An example for where to scale horizontally, ties nicely to the next benefit…

Accessible from anywhere – You can add power anywhere using horizontal scaling, which makes your environment  more accessible. 

Your teams in the Eastern Hemisphere can work from a server in that region (faster processing power). When they log off and leave work, you reduce “computing power” on that server and increase computing power for those working in the Western Hemisphere on a different server. This also applies to a business operating in the United States from coast-to-coast. For example, east coast workers access the cloud providers database located in the eastern region. 

I find visuals really help. You can view region maps for the major public cloud providers: AWS, Azure, and Google Cloud. A properly managed cloud enables accessibility using this flexible benefit. Your company can buy and locate its servers wherever it wants from day to day, hour to hour, and yes, even minute to minute.

Reduced infrastructure and maintenance costs – You also aren’t paying to maintain computer hardware which gives your people capacity to innovate rather than constantly completing hardware setup, upgrades, and other IT-related tasks. Historically, you needed huge server rooms that frequently needed updated and maintained. The cloud removes those needs.

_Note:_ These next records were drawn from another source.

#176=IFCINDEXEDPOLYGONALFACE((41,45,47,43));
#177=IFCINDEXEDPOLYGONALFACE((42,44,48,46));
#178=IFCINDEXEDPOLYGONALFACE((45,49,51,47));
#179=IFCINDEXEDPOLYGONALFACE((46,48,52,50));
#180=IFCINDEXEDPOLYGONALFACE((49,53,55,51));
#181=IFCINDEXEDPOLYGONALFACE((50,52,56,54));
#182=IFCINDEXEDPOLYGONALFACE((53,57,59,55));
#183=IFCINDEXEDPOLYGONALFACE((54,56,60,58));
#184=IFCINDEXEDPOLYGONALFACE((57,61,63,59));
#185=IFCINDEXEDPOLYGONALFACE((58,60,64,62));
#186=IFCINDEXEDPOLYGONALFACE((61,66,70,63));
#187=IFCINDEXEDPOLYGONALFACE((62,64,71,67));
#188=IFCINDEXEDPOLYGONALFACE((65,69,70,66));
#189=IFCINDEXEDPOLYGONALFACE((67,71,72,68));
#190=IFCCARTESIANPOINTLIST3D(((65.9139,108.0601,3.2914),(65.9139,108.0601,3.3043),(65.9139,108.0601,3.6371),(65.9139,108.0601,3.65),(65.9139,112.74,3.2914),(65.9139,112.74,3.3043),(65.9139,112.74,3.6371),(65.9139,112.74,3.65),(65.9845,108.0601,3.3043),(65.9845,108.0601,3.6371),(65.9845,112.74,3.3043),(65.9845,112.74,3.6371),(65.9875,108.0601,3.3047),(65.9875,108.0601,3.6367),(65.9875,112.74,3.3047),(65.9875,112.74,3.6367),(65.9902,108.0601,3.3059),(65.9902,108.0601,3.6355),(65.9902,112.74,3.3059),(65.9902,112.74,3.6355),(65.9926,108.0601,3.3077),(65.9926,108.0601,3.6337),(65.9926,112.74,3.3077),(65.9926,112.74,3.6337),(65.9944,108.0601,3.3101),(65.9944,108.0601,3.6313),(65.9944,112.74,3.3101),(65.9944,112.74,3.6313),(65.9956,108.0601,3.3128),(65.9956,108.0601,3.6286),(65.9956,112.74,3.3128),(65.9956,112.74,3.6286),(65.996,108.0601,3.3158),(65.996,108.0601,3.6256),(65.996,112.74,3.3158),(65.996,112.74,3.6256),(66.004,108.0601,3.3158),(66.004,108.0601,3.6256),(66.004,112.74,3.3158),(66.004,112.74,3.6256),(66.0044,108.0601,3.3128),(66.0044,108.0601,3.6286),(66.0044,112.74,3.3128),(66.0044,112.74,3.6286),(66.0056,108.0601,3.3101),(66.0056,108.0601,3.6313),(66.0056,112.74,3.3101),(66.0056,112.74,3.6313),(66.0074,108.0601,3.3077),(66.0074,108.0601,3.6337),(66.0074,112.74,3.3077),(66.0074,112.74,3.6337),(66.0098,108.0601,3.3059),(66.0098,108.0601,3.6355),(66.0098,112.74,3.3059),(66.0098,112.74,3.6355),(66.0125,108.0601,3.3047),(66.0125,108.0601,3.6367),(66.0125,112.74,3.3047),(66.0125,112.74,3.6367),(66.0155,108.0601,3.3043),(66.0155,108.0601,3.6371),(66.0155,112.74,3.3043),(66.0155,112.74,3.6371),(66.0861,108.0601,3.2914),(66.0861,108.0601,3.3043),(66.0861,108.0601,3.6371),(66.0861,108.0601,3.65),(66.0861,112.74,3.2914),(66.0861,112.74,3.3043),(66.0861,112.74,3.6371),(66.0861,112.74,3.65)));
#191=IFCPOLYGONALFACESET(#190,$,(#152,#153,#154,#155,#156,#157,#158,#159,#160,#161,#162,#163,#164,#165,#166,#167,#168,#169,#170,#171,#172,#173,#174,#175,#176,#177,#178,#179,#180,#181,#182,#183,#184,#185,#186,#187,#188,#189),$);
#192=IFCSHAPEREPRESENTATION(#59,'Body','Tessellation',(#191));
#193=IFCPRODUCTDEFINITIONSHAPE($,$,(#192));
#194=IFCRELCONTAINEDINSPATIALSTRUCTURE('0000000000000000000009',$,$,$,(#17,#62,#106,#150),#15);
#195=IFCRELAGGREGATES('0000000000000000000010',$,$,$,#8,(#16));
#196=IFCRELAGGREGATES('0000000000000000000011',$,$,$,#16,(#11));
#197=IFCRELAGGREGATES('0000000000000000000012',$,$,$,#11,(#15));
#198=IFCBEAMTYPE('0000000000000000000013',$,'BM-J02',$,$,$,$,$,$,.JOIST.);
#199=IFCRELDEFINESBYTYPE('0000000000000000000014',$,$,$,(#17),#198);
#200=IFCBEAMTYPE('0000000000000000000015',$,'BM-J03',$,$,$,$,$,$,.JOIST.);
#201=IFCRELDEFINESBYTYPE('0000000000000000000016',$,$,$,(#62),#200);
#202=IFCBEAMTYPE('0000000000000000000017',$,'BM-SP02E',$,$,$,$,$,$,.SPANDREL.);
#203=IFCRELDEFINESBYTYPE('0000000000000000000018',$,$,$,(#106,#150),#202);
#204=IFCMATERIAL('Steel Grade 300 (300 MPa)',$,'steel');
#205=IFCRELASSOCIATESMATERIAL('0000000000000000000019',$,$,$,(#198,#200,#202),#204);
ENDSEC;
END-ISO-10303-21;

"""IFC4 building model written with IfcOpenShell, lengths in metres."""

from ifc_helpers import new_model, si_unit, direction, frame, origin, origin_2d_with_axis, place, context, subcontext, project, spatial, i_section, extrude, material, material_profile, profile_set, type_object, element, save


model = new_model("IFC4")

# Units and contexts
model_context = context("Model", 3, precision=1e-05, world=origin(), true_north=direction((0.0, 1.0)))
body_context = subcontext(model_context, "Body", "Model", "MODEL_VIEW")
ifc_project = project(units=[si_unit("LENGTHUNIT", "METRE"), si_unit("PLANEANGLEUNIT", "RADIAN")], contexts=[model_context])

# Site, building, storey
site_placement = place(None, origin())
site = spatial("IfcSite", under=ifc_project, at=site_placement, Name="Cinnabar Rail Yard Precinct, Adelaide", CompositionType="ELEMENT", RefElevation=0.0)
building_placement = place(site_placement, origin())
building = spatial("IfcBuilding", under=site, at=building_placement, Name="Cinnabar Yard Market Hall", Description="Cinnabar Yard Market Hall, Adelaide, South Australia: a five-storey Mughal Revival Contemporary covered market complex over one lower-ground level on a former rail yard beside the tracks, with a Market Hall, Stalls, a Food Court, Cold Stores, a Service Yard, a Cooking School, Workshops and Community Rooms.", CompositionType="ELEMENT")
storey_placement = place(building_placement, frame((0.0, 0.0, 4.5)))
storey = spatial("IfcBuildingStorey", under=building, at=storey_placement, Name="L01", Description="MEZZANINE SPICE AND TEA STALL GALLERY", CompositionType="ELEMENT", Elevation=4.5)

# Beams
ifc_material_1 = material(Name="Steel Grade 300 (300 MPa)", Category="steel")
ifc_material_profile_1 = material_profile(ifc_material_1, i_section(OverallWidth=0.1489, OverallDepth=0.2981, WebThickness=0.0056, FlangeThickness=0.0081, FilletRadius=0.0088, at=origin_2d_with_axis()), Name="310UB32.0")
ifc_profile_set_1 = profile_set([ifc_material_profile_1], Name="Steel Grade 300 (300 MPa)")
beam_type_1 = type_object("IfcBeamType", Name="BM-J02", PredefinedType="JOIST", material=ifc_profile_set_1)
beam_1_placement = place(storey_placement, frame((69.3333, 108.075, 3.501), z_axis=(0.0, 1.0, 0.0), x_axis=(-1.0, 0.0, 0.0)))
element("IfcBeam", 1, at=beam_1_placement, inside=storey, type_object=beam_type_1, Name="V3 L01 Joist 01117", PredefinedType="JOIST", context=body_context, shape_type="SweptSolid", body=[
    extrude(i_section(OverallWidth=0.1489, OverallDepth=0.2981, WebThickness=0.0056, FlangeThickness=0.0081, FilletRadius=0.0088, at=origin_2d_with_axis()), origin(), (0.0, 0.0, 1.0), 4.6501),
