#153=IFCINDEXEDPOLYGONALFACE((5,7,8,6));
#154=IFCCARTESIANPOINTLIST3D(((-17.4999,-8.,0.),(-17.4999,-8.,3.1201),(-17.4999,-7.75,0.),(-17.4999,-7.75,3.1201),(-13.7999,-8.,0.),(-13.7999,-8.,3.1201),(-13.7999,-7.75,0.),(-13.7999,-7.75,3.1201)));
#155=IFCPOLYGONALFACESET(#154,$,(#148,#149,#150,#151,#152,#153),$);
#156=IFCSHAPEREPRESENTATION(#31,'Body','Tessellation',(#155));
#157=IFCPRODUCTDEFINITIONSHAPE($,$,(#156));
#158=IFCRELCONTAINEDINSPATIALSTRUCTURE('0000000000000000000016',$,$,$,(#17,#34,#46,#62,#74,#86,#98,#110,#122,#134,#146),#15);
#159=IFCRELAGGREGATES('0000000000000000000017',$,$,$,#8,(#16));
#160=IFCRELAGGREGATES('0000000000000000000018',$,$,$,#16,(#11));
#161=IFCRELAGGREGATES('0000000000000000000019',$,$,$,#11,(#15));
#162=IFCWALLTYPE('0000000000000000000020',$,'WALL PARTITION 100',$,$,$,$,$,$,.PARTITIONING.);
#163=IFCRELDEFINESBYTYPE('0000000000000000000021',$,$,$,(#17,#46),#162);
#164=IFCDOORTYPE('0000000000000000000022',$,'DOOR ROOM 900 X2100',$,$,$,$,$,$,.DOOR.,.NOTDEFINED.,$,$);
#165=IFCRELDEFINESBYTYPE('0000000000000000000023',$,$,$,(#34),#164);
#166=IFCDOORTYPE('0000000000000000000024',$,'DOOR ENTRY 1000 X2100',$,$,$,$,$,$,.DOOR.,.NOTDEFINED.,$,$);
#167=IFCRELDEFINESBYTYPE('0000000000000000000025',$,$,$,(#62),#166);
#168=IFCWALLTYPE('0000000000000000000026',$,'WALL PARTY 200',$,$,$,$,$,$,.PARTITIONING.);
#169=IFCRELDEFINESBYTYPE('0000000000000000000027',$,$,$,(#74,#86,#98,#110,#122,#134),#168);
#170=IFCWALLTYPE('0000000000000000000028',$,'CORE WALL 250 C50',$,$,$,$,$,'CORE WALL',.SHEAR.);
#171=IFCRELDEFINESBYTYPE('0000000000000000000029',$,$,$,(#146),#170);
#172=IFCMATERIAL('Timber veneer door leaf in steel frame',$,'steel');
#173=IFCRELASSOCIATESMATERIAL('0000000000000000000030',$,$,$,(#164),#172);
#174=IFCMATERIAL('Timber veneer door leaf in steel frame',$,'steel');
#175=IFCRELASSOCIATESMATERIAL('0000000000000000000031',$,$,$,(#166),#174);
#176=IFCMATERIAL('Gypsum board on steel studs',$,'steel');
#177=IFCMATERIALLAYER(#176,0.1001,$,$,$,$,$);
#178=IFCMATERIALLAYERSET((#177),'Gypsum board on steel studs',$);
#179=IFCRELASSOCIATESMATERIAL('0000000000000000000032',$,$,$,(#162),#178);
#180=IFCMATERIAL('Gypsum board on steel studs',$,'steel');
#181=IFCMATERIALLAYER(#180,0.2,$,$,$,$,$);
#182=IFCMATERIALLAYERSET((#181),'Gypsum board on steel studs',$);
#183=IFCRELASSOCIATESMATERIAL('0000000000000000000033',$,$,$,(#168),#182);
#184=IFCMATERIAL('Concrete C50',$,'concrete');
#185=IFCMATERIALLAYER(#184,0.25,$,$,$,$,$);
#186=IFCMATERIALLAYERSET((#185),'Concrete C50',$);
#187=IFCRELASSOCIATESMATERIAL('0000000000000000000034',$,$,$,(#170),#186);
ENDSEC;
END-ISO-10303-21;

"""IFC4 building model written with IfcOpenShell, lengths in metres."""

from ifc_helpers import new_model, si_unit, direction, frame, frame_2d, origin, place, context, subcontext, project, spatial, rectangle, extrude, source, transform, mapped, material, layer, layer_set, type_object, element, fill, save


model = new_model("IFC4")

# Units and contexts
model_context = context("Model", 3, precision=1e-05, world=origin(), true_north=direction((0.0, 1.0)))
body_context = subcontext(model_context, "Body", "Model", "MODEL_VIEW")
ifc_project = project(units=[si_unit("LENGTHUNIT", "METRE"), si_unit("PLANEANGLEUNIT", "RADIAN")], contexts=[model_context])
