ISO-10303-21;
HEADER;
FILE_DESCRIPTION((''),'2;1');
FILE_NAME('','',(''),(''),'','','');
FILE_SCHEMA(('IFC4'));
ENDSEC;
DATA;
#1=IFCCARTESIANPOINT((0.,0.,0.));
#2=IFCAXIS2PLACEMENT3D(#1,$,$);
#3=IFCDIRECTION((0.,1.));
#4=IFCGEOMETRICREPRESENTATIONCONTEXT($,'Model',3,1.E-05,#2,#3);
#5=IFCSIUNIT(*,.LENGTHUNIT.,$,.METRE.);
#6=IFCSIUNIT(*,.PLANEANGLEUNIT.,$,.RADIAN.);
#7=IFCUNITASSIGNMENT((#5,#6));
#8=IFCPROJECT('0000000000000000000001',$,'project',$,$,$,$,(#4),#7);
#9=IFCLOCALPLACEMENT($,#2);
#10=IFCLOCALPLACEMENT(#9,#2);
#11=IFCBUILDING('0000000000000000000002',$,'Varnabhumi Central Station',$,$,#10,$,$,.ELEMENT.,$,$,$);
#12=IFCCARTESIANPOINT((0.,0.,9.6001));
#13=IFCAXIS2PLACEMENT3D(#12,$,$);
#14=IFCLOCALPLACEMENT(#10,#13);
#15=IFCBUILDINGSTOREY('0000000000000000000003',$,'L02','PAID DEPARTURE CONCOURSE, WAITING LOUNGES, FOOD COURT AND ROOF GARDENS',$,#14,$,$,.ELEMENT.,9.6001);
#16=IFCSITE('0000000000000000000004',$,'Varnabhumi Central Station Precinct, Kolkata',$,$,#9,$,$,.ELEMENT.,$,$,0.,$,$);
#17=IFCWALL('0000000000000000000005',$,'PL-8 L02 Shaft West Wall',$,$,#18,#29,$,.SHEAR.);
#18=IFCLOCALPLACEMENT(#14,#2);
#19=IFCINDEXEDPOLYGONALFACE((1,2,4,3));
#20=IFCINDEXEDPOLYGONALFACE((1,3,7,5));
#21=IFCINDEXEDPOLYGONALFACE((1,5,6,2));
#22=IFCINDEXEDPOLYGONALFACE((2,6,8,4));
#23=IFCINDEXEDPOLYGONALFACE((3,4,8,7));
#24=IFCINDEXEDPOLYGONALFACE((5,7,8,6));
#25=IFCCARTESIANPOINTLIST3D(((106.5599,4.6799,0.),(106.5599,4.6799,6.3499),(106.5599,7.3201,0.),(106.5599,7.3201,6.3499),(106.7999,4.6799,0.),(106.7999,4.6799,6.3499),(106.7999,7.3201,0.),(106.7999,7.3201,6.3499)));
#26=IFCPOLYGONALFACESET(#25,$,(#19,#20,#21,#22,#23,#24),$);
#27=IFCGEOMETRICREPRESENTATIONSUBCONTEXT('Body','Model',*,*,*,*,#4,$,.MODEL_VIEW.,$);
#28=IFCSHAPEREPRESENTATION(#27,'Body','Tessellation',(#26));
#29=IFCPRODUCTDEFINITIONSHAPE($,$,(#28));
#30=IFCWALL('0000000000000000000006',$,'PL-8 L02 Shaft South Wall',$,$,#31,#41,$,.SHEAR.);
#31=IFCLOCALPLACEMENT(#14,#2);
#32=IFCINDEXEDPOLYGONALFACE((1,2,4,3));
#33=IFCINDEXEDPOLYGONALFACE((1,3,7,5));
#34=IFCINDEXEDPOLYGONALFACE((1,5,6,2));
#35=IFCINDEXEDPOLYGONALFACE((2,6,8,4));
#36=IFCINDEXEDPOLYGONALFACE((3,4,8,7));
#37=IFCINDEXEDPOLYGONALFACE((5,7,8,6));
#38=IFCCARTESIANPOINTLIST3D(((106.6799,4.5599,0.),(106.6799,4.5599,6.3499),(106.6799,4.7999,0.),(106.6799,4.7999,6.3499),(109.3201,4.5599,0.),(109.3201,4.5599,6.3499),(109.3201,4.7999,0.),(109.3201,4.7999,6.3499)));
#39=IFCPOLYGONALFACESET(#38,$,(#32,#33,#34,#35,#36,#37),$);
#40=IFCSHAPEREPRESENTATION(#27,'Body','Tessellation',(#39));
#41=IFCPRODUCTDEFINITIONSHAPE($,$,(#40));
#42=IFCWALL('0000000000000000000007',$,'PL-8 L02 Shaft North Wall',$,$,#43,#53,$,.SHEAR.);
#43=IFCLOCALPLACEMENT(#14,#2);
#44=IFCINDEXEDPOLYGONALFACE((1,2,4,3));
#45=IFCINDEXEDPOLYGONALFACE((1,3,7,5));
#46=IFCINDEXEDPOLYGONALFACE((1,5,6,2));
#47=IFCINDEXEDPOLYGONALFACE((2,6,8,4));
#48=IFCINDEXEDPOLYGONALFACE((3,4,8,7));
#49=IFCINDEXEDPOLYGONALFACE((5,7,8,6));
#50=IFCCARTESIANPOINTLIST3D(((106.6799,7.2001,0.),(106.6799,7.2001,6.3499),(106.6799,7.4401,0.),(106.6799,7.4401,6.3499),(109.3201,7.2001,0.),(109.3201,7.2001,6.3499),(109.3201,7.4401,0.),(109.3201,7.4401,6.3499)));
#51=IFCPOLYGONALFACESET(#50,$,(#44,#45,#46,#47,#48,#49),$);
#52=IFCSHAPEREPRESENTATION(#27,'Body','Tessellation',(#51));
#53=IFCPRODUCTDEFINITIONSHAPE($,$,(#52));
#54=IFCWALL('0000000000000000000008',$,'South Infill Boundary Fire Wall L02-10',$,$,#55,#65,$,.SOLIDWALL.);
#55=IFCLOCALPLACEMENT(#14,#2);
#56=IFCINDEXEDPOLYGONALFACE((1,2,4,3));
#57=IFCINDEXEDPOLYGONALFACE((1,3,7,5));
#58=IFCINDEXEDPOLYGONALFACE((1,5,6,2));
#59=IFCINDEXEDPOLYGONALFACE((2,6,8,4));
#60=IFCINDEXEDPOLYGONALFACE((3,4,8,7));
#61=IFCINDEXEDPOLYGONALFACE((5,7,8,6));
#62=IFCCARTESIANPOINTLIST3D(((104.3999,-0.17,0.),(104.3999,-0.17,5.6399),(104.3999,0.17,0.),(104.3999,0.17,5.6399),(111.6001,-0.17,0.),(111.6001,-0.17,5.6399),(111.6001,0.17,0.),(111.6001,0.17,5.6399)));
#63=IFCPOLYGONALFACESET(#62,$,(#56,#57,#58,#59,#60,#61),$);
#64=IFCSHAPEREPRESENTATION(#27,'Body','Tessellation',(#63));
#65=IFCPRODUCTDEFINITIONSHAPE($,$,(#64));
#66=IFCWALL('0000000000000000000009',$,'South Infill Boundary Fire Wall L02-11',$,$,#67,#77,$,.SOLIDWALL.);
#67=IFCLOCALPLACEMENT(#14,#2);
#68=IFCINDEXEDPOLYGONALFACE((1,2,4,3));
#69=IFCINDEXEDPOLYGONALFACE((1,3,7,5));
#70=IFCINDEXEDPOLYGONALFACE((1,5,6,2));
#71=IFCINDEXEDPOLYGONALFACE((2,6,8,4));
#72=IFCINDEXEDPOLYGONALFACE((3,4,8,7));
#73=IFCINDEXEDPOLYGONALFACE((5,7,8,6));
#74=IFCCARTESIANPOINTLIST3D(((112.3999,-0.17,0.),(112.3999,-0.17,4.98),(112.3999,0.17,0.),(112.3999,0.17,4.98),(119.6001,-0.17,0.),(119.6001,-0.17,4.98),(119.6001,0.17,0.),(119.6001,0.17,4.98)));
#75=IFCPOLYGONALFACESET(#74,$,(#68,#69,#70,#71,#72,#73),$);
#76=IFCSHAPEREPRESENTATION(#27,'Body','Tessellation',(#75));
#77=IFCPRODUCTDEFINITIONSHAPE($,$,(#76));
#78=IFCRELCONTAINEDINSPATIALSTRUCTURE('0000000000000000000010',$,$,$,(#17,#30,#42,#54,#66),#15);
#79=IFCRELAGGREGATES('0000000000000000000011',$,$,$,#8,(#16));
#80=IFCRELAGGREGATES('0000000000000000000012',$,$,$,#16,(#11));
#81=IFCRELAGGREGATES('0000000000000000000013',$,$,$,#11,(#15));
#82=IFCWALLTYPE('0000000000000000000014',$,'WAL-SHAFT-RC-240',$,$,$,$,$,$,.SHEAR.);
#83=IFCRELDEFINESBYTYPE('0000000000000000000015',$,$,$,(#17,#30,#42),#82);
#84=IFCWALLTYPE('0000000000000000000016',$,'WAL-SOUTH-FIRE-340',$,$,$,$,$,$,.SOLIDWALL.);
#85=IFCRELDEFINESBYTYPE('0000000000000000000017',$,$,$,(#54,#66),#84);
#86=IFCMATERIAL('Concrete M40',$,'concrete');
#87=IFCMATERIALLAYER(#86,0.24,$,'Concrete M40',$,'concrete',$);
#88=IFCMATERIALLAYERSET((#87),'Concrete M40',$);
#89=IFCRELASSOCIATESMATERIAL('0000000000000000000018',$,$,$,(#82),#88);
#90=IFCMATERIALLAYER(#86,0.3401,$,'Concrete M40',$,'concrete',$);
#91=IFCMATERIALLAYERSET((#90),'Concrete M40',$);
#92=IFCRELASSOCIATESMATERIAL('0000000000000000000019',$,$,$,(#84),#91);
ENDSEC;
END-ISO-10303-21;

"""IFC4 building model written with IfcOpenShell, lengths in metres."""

from ifc_helpers import new_model, si_unit, direction, frame, frame_2d, origin, place, context, subcontext, project, spatial, rectangle, extrude, material, layer, layer_set, type_object, element, save


model = new_model("IFC4")

# Units and contexts
model_context = context("Model", 3, precision=1e-05, world=origin(), true_north=direction((0.0, 1.0)))
body_context = subcontext(model_context, "Body", "Model", "MODEL_VIEW")
ifc_project = project(units=[si_unit("LENGTHUNIT", "METRE"), si_unit("PLANEANGLEUNIT", "RADIAN")], contexts=[model_context])

# Site, building, storey
site_placement = place(None, origin())
site = spatial("IfcSite", under=ifc_project, at=site_placement, Name="Varnabhumi Central Station Precinct, Kolkata", CompositionType="ELEMENT", RefElevation=0.0)
building_placement = place(site_placement, origin())
building = spatial("IfcBuilding", under=site, at=building_placement, Name="Varnabhumi Central Station", CompositionType="ELEMENT")
storey_placement = place(building_placement, frame((0.0, 0.0, 9.6001)))
storey = spatial("IfcBuildingStorey", under=building, at=storey_placement, Name="L02", Description="PAID DEPARTURE CONCOURSE, WAITING LOUNGES, FOOD COURT AND ROOF GARDENS", CompositionType="ELEMENT", Elevation=9.6001)

# Shared definitions
ifc_material_1 = material(Name="Concrete M40", Category="concrete")

# Walls
ifc_layer_1 = layer(ifc_material_1, 0.24, Name="Concrete M40", Category="concrete")
ifc_layer_set_1 = layer_set([ifc_layer_1], Name="Concrete M40")
wall_type_1 = type_object("IfcWallType", Name="WAL-SHAFT-RC-240", PredefinedType="SHEAR", material=ifc_layer_set_1)
for number, where, z_axis, x_axis, name in (
    (1, (106.6799, 4.6799, 0.0), (0.0, 0.0, 1.0), (0.0, 1.0, 0.0), "PL-8 L02 Shaft West Wall"),
    (2, (106.6799, 4.6799, 0.0), (0.0, 0.0, 1.0), (1.0, 0.0, 0.0), "PL-8 L02 Shaft South Wall"),
    (3, (106.6799, 7.3201, 0.0), (0.0, 0.0, 1.0), (1.0, 0.0, 0.0), "PL-8 L02 Shaft North Wall"),
):
    element("IfcWall", number, at=place(storey_placement, frame(where, z_axis=z_axis, x_axis=x_axis)), inside=storey, type_object=wall_type_1, Name=name, PredefinedType="SHEAR", context=body_context, shape_type="SweptSolid", body=[
        extrude(rectangle(XDim=2.6401, YDim=0.24, at=frame_2d((1.3201, 0.0))), origin(), (0.0, 0.0, 1.0), 6.3499),
    ])

# Walls
ifc_layer_2 = layer(ifc_material_1, 0.3401, Name="Concrete M40", Category="concrete")
ifc_layer_set_2 = layer_set([ifc_layer_2], Name="Concrete M40")
wall_type_2 = type_object("IfcWallType", Name="WAL-SOUTH-FIRE-340", PredefinedType="SOLIDWALL", material=ifc_layer_set_2)
wall_1_placement = place(storey_placement, frame((104.3999, 0.0, 0.0), z_axis=(0.0, 0.0, 1.0), x_axis=(1.0, 0.0, 0.0)))
element("IfcWall", 4, at=wall_1_placement, inside=storey, type_object=wall_type_2, Name="South Infill Boundary Fire Wall L02-10", PredefinedType="SOLIDWALL", context=body_context, shape_type="SweptSolid", body=[
    extrude(rectangle(XDim=7.2002, YDim=0.3401, at=frame_2d((3.6001, 0.0))), origin(), (0.0, 0.0, 1.0), 5.6399),
])
wall_2_placement = place(storey_placement, frame((112.3999, 0.0, 0.0), z_axis=(0.0, 0.0, 1.0), x_axis=(1.0, 0.0, 0.0)))
element("IfcWall", 5, at=wall_2_placement, inside=storey, type_object=wall_type_2, Name="South Infill Boundary Fire Wall L02-11", PredefinedType="SOLIDWALL", context=body_context, shape_type="SweptSolid", body=[
    extrude(rectangle(XDim=7.2002, YDim=0.3401, at=frame_2d((3.6001, 0.0))), origin(), (0.0, 0.0, 1.0), 4.98),
])

save(model, "model.ifc")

Reliable – Redundancy can be built in. However, it can be done more effectively and efficiently if done in code. This means you have backups and backups of backups to ensure uptime for your people and your customers. So if for some reason, the public cloud service provider has a service failure in one region, it has a backup in place in another one. So you never miss a customer transaction or a team member can always login and access their files and applications. 

I learned about this when writing up a project description for a client who needed a roadmap and implementation for a centralized and automated solution for role-based access that allowed for rotating credentials every certain number of days and it needed to be highly available.

Human terms: A process to notify employees that they needed to change their login every 30, 60, or 90 days and that it always works with backup and redundancies in place. (Highly annoying, but very critical nowadays.)

By using HashiCorp’s Vault and Terraform (100% code), the client’s process was automated and set up to achieve 99.99% availability with the least amount of human interaction. Meaning it should only experience 8.64  seconds/day of downtime, shown in the chart below. 

Learn how you can build a Centralized Automated Vault Solution.

If you want to sound extra smart, you can refer to this as “four nines.” Think about the impact on your business: If you sell pizzas and have 97% availability, consider how many potential lost orders could occur in 43 minutes of downtime on Superbowl night.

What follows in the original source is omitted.